A new integrated in silico strategy for the assessment and prioritization of persistence of chemicals under REACH, science direct, pii/S0160412015301240, 2013.

In this study, collaborators from Germany and Italy describe a novel, integrated approach to assess the persistence of chemicals. The software system, combines multiple computational models to predict persistence in several environmental compartments (e.g. water, soil).

To create the VEGA system, the researchers first used thresholds for ‘persistent’ and ‘very persistent’ substances as defined by REACH, and applied them to the experimental data on the half-life (the time needed to remove half of the starting amount of a substance from the environment) of 12 chemicals in sediment, water and soil. If the half-life of a substance was below the criteria for ‘persistent’ then it was considered ‘not persistent’. A range of sources, including the US Geological Survey, Netherlands National Institute for Public Health and the Environment, the European Chemicals Agency and studies published in journals were used to compile the database of substances with experimental values of persistency.

New computer modelling tool to identify persistent chemicals, Science for Environment Policy, Issue 470, 16 September 2016.
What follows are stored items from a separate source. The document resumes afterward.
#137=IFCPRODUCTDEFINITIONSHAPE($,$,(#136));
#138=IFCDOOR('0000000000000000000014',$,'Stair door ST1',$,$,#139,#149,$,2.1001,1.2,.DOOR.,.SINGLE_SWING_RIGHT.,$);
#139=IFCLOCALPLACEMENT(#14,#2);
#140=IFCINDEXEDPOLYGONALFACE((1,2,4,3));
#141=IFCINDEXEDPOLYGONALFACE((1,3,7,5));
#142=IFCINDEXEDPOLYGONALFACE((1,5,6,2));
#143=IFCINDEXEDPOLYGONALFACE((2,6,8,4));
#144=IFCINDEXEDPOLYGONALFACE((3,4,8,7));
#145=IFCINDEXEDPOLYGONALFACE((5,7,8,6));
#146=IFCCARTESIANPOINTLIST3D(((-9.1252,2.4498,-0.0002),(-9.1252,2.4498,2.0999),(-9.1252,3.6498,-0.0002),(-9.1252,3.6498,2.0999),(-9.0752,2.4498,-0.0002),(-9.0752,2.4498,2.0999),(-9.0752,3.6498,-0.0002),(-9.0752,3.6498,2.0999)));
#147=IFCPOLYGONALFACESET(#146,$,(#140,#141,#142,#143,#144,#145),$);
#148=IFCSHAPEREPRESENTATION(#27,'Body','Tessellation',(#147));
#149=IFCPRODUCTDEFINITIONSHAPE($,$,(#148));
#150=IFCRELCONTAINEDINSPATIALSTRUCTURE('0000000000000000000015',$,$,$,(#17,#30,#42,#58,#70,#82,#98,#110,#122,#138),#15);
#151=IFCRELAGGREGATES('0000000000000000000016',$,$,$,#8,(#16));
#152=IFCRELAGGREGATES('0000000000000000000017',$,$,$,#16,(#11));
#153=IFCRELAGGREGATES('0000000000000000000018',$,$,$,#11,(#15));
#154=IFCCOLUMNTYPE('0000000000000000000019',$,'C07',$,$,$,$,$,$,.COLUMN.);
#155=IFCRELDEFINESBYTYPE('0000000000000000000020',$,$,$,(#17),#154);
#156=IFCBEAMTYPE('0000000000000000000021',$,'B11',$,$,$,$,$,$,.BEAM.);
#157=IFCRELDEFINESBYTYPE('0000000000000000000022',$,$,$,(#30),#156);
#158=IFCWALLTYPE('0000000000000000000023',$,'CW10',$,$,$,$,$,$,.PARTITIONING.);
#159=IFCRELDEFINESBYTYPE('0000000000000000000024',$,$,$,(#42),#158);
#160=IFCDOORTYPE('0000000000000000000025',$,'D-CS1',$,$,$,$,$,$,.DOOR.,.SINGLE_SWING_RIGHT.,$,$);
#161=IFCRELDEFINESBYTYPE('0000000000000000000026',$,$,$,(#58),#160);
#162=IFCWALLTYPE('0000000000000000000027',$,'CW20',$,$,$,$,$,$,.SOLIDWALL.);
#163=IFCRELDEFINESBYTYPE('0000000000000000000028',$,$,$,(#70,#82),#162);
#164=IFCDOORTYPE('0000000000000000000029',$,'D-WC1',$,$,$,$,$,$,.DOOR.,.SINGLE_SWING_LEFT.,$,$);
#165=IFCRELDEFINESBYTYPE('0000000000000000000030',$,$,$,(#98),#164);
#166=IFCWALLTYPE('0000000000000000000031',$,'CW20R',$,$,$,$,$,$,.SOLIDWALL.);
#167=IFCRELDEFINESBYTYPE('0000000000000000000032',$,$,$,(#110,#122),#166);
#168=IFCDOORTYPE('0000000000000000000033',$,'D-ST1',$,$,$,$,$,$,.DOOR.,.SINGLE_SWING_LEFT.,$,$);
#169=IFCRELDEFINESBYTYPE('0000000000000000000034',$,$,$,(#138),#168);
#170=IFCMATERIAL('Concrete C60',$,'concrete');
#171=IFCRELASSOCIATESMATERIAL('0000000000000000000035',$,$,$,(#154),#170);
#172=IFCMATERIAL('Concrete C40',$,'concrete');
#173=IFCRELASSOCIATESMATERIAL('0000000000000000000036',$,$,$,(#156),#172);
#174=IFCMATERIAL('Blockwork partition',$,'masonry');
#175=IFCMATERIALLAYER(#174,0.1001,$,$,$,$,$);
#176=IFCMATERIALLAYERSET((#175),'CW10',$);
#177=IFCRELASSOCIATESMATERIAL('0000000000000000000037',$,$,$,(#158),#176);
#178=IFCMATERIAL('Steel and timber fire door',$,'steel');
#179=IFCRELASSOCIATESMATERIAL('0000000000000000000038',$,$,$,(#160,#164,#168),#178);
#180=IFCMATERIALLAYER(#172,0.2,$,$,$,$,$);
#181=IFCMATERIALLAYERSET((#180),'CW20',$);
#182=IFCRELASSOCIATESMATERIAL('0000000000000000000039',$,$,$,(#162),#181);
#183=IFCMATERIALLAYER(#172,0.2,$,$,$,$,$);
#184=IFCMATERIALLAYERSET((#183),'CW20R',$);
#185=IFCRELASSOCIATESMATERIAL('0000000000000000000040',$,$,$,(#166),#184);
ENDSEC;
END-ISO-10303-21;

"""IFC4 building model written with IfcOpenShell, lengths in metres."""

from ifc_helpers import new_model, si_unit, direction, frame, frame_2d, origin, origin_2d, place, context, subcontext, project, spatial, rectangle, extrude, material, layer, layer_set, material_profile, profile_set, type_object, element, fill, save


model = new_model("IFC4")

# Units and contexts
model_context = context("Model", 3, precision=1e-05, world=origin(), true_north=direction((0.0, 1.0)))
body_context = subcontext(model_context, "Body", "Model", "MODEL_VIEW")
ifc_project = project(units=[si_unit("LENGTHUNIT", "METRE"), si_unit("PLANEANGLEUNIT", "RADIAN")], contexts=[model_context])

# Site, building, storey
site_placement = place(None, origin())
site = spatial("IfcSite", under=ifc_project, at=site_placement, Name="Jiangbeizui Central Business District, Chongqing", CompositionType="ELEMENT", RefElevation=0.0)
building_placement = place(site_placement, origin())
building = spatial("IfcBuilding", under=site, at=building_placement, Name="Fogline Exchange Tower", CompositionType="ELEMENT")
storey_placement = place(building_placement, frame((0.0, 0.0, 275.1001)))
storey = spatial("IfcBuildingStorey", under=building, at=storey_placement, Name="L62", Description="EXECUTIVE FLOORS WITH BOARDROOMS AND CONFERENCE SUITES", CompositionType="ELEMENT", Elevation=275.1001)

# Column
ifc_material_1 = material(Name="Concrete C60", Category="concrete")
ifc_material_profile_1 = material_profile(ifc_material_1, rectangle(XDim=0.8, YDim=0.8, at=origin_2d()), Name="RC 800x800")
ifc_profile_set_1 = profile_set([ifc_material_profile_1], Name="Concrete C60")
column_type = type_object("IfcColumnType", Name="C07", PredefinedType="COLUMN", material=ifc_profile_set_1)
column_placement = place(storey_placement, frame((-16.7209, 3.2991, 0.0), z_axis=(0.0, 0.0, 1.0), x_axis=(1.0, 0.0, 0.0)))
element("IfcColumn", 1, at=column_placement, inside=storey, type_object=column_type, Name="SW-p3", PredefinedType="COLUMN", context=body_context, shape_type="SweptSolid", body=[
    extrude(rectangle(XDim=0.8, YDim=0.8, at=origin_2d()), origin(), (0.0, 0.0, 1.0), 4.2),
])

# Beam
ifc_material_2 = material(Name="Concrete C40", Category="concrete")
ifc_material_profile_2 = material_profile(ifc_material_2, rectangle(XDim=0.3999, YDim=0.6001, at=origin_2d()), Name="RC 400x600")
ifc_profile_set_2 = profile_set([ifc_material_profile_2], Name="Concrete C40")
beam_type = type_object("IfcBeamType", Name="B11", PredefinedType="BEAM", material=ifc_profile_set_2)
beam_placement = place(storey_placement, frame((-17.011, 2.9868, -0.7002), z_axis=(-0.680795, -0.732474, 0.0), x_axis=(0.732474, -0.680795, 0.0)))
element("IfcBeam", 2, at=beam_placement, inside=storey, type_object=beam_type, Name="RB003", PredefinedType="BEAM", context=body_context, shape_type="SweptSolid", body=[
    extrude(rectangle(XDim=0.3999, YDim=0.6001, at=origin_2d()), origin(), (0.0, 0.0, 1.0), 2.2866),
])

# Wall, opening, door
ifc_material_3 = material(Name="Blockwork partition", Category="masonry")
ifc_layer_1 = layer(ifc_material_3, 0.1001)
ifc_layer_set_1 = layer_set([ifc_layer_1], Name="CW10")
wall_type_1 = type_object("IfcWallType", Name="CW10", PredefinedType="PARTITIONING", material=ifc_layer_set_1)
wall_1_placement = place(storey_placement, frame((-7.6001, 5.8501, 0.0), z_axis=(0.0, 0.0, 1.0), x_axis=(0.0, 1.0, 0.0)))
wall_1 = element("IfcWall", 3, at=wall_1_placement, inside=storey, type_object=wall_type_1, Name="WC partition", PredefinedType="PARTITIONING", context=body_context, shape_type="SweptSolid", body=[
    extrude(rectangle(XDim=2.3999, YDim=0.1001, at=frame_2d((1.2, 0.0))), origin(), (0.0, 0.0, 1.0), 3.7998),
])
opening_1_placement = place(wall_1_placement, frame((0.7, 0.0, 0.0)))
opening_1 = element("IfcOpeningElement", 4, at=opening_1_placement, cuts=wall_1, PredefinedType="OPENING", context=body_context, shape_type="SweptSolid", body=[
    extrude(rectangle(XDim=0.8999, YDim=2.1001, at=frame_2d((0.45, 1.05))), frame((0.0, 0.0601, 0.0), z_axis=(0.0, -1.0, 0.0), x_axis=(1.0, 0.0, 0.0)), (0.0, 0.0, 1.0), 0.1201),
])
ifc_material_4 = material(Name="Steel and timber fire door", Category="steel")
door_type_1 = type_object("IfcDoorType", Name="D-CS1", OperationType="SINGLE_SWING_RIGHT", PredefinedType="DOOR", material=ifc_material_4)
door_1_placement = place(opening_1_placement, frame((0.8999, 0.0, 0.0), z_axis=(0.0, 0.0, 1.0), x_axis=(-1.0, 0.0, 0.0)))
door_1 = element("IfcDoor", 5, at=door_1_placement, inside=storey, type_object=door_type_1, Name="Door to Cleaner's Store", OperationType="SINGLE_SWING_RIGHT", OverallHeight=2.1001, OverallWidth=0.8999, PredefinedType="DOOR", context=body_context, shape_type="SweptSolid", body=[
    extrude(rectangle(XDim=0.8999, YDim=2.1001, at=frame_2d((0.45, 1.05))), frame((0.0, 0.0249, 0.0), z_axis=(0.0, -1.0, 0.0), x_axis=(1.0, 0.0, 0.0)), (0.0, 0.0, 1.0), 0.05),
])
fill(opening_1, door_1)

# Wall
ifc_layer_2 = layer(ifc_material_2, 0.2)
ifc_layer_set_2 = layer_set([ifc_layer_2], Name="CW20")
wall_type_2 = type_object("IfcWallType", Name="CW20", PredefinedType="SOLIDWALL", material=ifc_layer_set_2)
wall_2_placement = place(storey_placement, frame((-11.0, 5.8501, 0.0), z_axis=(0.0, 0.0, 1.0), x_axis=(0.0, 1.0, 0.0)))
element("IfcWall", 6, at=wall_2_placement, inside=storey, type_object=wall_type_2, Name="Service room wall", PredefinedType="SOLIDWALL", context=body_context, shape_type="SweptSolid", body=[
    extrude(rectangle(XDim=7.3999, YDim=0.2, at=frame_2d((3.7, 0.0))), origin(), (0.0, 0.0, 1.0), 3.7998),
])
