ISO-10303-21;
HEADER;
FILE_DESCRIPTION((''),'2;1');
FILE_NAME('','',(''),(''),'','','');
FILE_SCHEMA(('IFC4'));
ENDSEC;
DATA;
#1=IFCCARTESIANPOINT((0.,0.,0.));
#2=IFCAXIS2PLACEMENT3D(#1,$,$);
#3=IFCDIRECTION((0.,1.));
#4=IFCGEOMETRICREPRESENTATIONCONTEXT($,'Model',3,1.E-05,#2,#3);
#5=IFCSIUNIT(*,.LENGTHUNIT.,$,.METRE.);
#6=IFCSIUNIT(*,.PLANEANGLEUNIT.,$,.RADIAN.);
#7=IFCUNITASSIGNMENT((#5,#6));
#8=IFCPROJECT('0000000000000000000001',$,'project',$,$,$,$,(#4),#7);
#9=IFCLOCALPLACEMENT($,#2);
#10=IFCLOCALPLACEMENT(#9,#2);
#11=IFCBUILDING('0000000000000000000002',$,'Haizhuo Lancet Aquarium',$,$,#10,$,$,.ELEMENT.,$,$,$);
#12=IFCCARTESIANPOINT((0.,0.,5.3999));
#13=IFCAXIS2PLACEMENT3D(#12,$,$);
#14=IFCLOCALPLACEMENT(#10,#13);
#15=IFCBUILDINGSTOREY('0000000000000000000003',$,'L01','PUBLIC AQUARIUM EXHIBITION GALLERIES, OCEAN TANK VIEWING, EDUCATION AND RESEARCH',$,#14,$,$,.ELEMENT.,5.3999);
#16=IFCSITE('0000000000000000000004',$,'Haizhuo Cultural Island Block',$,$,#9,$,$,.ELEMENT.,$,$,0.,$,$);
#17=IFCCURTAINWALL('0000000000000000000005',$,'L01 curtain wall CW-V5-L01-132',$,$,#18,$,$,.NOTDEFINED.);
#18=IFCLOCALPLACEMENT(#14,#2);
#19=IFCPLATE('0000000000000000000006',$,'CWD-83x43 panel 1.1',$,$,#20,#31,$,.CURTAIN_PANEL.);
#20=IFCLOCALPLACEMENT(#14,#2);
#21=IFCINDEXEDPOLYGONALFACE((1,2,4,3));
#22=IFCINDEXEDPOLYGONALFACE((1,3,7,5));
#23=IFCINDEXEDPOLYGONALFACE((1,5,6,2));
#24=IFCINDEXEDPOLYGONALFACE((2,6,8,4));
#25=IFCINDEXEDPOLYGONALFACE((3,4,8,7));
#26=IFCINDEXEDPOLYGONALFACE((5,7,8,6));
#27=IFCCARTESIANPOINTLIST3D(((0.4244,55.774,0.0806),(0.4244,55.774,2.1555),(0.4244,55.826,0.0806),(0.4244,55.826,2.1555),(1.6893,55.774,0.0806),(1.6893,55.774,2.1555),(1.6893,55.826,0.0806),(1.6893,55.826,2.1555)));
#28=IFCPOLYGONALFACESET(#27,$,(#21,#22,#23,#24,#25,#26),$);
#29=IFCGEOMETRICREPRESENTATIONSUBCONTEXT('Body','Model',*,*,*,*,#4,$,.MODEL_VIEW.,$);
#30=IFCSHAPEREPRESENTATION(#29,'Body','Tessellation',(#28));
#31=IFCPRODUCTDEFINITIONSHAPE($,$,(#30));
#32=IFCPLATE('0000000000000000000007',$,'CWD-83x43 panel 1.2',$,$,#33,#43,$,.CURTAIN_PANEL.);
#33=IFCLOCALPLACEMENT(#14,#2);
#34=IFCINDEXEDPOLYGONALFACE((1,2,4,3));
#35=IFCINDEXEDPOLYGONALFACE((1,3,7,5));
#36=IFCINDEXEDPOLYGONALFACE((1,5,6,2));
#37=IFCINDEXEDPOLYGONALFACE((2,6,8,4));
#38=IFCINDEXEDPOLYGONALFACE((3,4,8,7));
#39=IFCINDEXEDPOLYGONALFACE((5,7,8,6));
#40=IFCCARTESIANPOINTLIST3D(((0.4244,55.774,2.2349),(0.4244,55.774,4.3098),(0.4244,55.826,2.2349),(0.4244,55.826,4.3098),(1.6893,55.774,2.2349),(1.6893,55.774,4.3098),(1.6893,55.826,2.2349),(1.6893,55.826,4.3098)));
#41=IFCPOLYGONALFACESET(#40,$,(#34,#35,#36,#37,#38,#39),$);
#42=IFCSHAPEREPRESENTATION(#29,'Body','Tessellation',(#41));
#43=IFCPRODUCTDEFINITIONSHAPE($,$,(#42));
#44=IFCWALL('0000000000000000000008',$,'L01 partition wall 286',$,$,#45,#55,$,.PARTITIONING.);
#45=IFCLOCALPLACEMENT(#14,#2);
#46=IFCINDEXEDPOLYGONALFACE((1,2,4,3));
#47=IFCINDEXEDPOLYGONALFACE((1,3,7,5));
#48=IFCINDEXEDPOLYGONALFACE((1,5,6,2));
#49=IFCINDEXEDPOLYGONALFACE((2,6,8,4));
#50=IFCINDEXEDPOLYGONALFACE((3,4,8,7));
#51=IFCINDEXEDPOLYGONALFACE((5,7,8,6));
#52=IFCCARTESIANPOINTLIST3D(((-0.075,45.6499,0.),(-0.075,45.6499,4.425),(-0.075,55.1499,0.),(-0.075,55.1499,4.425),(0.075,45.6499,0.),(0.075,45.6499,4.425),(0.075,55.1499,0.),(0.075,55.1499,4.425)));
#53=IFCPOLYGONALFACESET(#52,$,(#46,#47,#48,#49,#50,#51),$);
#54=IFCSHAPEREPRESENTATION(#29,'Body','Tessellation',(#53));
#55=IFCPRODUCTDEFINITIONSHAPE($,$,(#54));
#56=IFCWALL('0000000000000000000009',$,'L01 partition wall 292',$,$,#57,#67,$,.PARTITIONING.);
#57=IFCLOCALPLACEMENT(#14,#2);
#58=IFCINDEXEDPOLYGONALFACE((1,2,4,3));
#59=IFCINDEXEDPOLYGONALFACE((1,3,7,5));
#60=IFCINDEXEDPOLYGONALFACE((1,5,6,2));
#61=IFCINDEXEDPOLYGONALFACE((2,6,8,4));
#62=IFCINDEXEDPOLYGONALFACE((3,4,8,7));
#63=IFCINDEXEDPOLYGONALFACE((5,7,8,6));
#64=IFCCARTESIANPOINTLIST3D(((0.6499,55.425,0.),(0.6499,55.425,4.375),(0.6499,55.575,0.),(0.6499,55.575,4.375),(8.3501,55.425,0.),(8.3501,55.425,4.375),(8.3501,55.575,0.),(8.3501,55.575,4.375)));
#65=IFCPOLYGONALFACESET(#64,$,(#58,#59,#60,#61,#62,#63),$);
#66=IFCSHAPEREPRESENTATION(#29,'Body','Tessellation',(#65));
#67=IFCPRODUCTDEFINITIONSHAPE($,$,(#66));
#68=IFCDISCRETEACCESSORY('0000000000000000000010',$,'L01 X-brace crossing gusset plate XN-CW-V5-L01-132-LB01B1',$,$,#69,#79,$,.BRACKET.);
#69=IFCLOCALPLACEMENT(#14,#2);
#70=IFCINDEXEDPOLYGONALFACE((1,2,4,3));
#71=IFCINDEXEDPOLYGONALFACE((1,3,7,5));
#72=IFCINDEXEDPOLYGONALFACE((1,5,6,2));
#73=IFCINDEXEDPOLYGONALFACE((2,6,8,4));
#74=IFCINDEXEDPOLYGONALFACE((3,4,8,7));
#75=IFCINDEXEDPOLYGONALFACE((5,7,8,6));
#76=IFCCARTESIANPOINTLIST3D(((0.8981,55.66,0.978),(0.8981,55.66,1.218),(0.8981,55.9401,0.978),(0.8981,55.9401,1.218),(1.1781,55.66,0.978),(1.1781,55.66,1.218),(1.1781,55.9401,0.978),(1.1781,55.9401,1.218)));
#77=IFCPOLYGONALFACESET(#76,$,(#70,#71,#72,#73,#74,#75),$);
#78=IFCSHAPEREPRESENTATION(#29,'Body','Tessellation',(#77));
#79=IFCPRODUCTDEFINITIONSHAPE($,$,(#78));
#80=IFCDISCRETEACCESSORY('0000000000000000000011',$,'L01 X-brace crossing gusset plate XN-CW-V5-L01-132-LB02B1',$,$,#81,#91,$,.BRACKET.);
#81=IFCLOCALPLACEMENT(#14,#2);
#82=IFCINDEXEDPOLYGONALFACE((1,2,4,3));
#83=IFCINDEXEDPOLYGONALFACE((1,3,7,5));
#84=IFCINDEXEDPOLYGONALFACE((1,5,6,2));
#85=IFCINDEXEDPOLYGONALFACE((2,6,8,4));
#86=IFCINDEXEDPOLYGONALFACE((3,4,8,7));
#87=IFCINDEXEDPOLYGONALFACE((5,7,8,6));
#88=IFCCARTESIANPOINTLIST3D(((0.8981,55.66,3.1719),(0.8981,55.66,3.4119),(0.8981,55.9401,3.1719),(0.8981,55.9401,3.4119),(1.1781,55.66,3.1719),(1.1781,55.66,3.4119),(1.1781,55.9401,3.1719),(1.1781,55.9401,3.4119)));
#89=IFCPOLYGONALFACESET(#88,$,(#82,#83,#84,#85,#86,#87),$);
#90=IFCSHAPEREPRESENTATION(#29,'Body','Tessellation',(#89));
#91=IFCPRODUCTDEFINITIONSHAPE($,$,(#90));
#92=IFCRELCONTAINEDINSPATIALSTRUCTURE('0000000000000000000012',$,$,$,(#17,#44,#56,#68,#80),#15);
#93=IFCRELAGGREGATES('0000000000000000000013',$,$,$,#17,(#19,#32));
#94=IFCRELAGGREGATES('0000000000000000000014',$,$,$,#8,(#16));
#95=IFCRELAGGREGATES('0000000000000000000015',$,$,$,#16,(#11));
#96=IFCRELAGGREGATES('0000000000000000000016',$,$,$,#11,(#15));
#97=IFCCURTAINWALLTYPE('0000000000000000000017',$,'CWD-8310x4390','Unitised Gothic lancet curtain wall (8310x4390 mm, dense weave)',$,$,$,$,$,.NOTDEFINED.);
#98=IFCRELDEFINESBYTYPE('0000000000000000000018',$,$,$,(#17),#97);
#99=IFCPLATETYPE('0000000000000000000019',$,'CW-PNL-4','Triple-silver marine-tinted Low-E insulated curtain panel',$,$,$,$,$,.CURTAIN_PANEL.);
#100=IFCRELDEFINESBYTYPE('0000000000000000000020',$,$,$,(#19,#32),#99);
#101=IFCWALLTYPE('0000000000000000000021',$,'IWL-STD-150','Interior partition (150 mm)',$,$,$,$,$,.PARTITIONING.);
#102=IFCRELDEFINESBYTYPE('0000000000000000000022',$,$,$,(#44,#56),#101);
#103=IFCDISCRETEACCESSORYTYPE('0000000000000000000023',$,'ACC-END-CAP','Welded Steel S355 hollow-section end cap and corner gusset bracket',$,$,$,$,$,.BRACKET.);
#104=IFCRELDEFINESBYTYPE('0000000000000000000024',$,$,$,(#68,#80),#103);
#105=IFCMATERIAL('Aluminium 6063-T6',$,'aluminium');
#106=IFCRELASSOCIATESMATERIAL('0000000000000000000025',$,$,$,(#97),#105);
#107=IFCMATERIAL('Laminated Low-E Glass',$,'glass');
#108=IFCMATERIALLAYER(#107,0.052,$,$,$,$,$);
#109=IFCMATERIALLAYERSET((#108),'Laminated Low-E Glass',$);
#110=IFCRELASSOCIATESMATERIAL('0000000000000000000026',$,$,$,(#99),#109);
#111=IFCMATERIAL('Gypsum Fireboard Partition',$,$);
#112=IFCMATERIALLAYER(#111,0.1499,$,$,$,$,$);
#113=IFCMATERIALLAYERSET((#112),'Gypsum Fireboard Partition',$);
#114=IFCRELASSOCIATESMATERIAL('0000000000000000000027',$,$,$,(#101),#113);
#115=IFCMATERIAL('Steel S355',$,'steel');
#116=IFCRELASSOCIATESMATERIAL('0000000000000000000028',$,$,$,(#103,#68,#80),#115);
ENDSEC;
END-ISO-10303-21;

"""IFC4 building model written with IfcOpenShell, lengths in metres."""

from ifc_helpers import new_model, si_unit, direction, frame, frame_2d, origin, origin_2d, place, context, subcontext, project, spatial, rectangle, extrude, material, layer, layer_set, type_object, element, aggregate, save


model = new_model("IFC4")

# Units and contexts
model_context = context("Model", 3, precision=1e-05, world=origin(), true_north=direction((0.0, 1.0)))
body_context = subcontext(model_context, "Body", "Model", "MODEL_VIEW")
ifc_project = project(units=[si_unit("LENGTHUNIT", "METRE"), si_unit("PLANEANGLEUNIT", "RADIAN")], contexts=[model_context])

# Site, building, storey
site_placement = place(None, origin())
site = spatial("IfcSite", under=ifc_project, at=site_placement, Name="Haizhuo Cultural Island Block", CompositionType="ELEMENT", RefElevation=0.0)
building_placement = place(site_placement, origin())
building = spatial("IfcBuilding", under=site, at=building_placement, Name="Haizhuo Lancet Aquarium", CompositionType="ELEMENT")
storey_placement = place(building_placement, frame((0.0, 0.0, 5.3999)))
storey = spatial("IfcBuildingStorey", under=building, at=storey_placement, Name="L01", Description="PUBLIC AQUARIUM EXHIBITION GALLERIES, OCEAN TANK VIEWING, EDUCATION AND RESEARCH", CompositionType="ELEMENT", Elevation=5.3999)

# Curtain wall
ifc_material_1 = material(Name="Aluminium 6063-T6", Category="aluminium")
curtain_wall_type = type_object("IfcCurtainWallType", Name="CWD-8310x4390", Description="Unitised Gothic lancet curtain wall (8310x4390 mm, dense weave)", PredefinedType="NOTDEFINED", material=ifc_material_1)
curtain_wall_placement = place(storey_placement, origin())
curtain_wall = element("IfcCurtainWall", 1, at=curtain_wall_placement, inside=storey, type_object=curtain_wall_type, Name="L01 curtain wall CW-V5-L01-132", PredefinedType="NOTDEFINED")

# Shared definitions
ifc_material_2 = material(Name="Steel S355", Category="steel")

# Plates
ifc_material_3 = material(Name="Laminated Low-E Glass", Category="glass")
ifc_layer_1 = layer(ifc_material_3, 0.052)
ifc_layer_set_1 = layer_set([ifc_layer_1], Name="Laminated Low-E Glass")
plate_type = type_object("IfcPlateType", Name="CW-PNL-4", Description="Triple-silver marine-tinted Low-E insulated curtain panel", PredefinedType="CURTAIN_PANEL", material=ifc_layer_set_1)
plate_1_placement = place(storey_placement, frame((1.0569, 55.8, 0.0806), z_axis=(0.0, 0.0, 1.0), x_axis=(1.0, 0.0, 0.0)))
plate_1 = element("IfcPlate", 2, at=plate_1_placement, type_object=plate_type, Name="CWD-83x43 panel 1.1", PredefinedType="CURTAIN_PANEL", context=body_context, shape_type="SweptSolid", body=[
    extrude(rectangle(XDim=1.2649, YDim=0.052, at=origin_2d()), origin(), (0.0, 0.0, 1.0), 2.075),
])
plate_2_placement = place(storey_placement, frame((1.0569, 55.8, 2.2349), z_axis=(0.0, 0.0, 1.0), x_axis=(1.0, 0.0, 0.0)))
plate_2 = element("IfcPlate", 3, at=plate_2_placement, type_object=plate_type, Name="CWD-83x43 panel 1.2", PredefinedType="CURTAIN_PANEL", context=body_context, shape_type="SweptSolid", body=[
    extrude(rectangle(XDim=1.2649, YDim=0.052, at=origin_2d()), origin(), (0.0, 0.0, 1.0), 2.075),
])
aggregate(curtain_wall, [plate_1, plate_2])

# Walls
ifc_material_4 = material(Name="Gypsum Fireboard Partition")
ifc_layer_2 = layer(ifc_material_4, 0.1499)
ifc_layer_set_2 = layer_set([ifc_layer_2], Name="Gypsum Fireboard Partition")
wall_type = type_object("IfcWallType", Name="IWL-STD-150", Description="Interior partition (150 mm)", PredefinedType="PARTITIONING", material=ifc_layer_set_2)
wall_1_placement = place(storey_placement, frame((0.0, 45.6499, 0.0), z_axis=(0.0, 0.0, 1.0), x_axis=(0.0, 1.0, 0.0)))
element("IfcWall", 4, at=wall_1_placement, inside=storey, type_object=wall_type, Name="L01 partition wall 286", PredefinedType="PARTITIONING", context=body_context, shape_type="SweptSolid", body=[
    extrude(rectangle(XDim=9.5, YDim=0.1499, at=frame_2d((4.75, 0.0))), origin(), (0.0, 0.0, 1.0), 4.425),
])
wall_2_placement = place(storey_placement, frame((8.3501, 55.5, 0.0), z_axis=(0.0, 0.0, 1.0), x_axis=(-1.0, 0.0, 0.0)))
element("IfcWall", 5, at=wall_2_placement, inside=storey, type_object=wall_type, Name="L01 partition wall 292", PredefinedType="PARTITIONING", context=body_context, shape_type="SweptSolid", body=[
    extrude(rectangle(XDim=7.7002, YDim=0.1499, at=frame_2d((3.8501, 0.0))), origin(), (0.0, 0.0, 1.0), 4.375),
])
VEGA system is tiered, and involves multiple stages of checks before a prediction is made. First of all, the system checks whether an experimental value (a level of persistence established in previous research) is available for the chemical, as this is generally more reliable than a predicted value. If no experimental value is available, the system checks if the compound is perfluorinated (as these compounds are known to be persistent in the environment). If it is, the chemical is automatically classified as ‘persistent’. If not, the biodegradability of the compound is evaluated using a model. If readily biodegradable, the chemical is classified as ‘not persistent’.

If none of these checks can be carried out, three software models are run on the compound, which predict its persistence in sediment, water and soil: IstKNN, machine learning software, which estimates the activity of chemicals based on similar compounds; SARpy, which automatically identifies structural features of chemicals (‘structural alerts’) that are linked to persistence; and IstCHEMfeat, which separates chemicals into classes based on particular features and chemical groups.

The final assessment is made based on a combination of the predictions and their reliability, and is always conservative (e.g. if a chemical is assessed as ‘very persistent’ in water with medium reliability, but ‘not persistent’ in soil with high reliability, the final outcome will be ‘very persistent’).

After ‘training’ the software using chemicals with known properties, the researchers tested its ability to recognise harmful substances from a set of compounds in the Candidate List of substances of very high concern maintained by the European Chemicals Agency. Of 12 compounds, the persistence of 11 were correctly predicted (the remaining compound could not be assessed as it was too dissimilar to the chemicals used during the training phase). These results suggest this tool could be used to prioritise chemicals for regulatory purposes, such as REACH. It may be a more affordable and speedier alternative to experiments for classifying compounds as ‘persistent’.